4.4. Endogeneity Checks

4.4.1. Instrumental Variable Regression

We use the average AI level of other firms within the same industry and year as the instrumental variable (denoted as IV1), capturing the peer effects of AI development across firms. The advancement of AI often exhibits industry-level peer influence, with firms tending to align their AI adoption with that of their industry counterparts. Importantly, although this peer firm AI level may reflect broader industry technology dynamics, we argue that it does not directly affect a given firm’s radical innovation activities. Radical innovation, by nature, is characterized by the recombination of previously unrelated knowledge, rather than incremental improvements along existing technological trajectories. In contrast, industry-level knowledge spillovers tend to promote incremental innovation through diffusion and imitation of prevailing technologies, and they are thus less likely to serve as a direct driver of radical breakthroughs. In summary, while peer firm AI adoption may shape the overall technological environment, its direct impact on firm-level radical innovation is limited, supporting the exclusion restriction assumption.

Table 4. IV-2SLS estimation results.

	(1)	(2)	(3)	(4)
Variables	AI	RI	AI	RI
AI		0.4842 ***		0.5175 ***
		(0.0366)		(0.1317)
IV1	0.8172 ***
	(0.0448)
IV2			0.0203 ***
			(0.0037)
Size	0.0708 ***	0.2220 ***	0.0804 ***	0.2195 ***
	(0.0139)	(0.0102)	(0.0143)	(0.0140)
Lev	−0.0003	0.1122 *	0.1890 **	0.1044
	(0.0874)	(0.0628)	(0.0899)	(0.0679)
ROA	0.3734 **	0.3212 **	0.3961 **	0.3071 **
	(0.1721)	(0.1289)	(0.1777)	(0.1410)
Age	−0.0797	0.0148	−0.1272 *	0.0196
	(0.0730)	(0.0494)	(0.0751)	(0.0524)
Cash	−0.3934 **	−0.2094 *	−0.8383 ***	−0.1819
	(0.1579)	(0.1266)	(0.1649)	(0.1667)
RDI	0.0529 ***	−0.0167 ***	0.0660 ***	−0.0190 **
	(0.0046)	(0.0036)	(0.0050)	(0.0092)
Dual	0.1462 ***	−0.1066 ***	0.1387 ***	−0.1115 ***
	(0.0326)	(0.0225)	(0.0337)	(0.0291)
Kleibergen–Paap rk LM	255.09 ***		29.51 ***
Kleibergen–Paap Wald rk F	332.20		29.75
Industry FE	Yes	Yes	Yes	Yes
Year FE	Yes	Yes	Yes	Yes
N	22,287	22,287	22,291	22,291

Note(s): Robust standard errors in parentheses; *** p < 0.01, ** p < 0.05, * p < 0.1.
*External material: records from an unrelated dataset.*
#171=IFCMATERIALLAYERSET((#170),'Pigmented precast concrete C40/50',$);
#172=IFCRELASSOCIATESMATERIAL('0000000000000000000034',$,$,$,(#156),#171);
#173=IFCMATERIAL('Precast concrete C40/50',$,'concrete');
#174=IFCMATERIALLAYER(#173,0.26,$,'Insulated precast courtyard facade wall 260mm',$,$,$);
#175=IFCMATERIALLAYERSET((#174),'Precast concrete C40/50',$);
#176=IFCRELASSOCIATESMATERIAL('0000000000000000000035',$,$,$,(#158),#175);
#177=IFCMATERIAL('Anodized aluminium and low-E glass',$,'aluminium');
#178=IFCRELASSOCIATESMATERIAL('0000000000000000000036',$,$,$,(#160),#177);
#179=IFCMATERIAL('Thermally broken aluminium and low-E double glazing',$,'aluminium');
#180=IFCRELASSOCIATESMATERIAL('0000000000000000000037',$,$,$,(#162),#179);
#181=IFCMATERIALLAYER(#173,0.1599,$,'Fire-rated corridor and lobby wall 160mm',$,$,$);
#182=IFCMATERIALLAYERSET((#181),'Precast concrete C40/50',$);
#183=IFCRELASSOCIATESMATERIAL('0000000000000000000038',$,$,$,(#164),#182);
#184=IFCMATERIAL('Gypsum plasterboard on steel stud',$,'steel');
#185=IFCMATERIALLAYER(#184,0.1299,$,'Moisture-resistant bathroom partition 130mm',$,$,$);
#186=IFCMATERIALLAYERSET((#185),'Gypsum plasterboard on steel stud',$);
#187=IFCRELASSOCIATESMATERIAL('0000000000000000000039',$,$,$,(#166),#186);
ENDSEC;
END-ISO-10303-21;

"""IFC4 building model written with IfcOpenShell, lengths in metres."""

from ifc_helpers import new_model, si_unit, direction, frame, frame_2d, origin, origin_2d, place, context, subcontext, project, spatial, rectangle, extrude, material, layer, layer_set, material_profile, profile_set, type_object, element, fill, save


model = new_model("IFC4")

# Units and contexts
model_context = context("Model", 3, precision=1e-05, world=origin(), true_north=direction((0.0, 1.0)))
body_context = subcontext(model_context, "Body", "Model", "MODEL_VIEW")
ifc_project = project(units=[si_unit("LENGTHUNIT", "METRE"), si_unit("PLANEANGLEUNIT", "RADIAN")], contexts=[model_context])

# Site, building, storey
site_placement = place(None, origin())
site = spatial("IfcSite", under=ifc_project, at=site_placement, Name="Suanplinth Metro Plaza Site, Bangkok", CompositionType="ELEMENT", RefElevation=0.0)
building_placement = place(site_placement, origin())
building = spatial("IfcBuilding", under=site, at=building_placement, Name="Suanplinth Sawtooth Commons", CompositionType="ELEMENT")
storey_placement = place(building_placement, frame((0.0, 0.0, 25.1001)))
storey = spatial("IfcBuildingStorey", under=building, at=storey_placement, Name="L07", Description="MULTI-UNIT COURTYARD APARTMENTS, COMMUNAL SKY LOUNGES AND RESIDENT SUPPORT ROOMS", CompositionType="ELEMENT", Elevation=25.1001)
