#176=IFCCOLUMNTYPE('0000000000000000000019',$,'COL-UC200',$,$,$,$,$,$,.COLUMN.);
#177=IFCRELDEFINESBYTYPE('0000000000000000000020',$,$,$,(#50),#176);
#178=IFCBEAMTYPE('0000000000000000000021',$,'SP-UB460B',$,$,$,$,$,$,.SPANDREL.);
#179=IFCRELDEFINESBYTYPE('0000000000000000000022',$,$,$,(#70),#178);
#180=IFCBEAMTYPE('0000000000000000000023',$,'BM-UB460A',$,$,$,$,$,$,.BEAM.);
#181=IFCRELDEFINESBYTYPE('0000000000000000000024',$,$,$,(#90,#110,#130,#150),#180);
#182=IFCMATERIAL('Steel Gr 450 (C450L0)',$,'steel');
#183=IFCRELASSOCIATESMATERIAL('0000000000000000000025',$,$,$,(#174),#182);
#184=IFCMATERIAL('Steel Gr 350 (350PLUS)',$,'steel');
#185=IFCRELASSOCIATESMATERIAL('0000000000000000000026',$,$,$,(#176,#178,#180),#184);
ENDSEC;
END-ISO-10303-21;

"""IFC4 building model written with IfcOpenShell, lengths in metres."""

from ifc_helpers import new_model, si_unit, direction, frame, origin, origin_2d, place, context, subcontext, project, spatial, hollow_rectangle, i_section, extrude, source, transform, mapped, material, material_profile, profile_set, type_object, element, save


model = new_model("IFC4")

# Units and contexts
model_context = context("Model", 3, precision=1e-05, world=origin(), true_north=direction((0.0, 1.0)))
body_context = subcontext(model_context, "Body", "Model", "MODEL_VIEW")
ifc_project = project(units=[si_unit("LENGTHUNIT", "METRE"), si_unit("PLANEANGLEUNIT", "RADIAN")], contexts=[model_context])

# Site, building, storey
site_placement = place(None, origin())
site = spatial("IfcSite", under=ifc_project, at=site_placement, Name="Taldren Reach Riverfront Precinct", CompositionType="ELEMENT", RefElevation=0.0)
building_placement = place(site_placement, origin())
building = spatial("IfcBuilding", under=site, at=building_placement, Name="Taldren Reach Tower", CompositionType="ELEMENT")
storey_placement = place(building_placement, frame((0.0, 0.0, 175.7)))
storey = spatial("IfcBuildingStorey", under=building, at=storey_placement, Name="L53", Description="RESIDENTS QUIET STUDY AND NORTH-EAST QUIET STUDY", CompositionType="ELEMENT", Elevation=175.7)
presents the two-stage least squares (2SLS) estimation results using the instrument. The first-stage regression in Column (1) shows that IV is statistically significant at the 1% level in explaining AI, confirming the instrument’s relevance. Moreover, the Kleibergen–Paap rk LM test is significant at the 1% level, and the Kleibergen–Paap Wald rk F statistic exceeds the 10% critical value of the Stock–Yogo weak identification test, indicating that the instrument does not suffer from under-identification or weak correlation issues. Column (4) presents the second-stage regression results, which show that after controlling for potential endogeneity, the effect of a firm’s AI level on radical innovation remains significantly positive and reaches statistical significance at the 1% level, further validating the important role of AI in promoting corporate radical innovation.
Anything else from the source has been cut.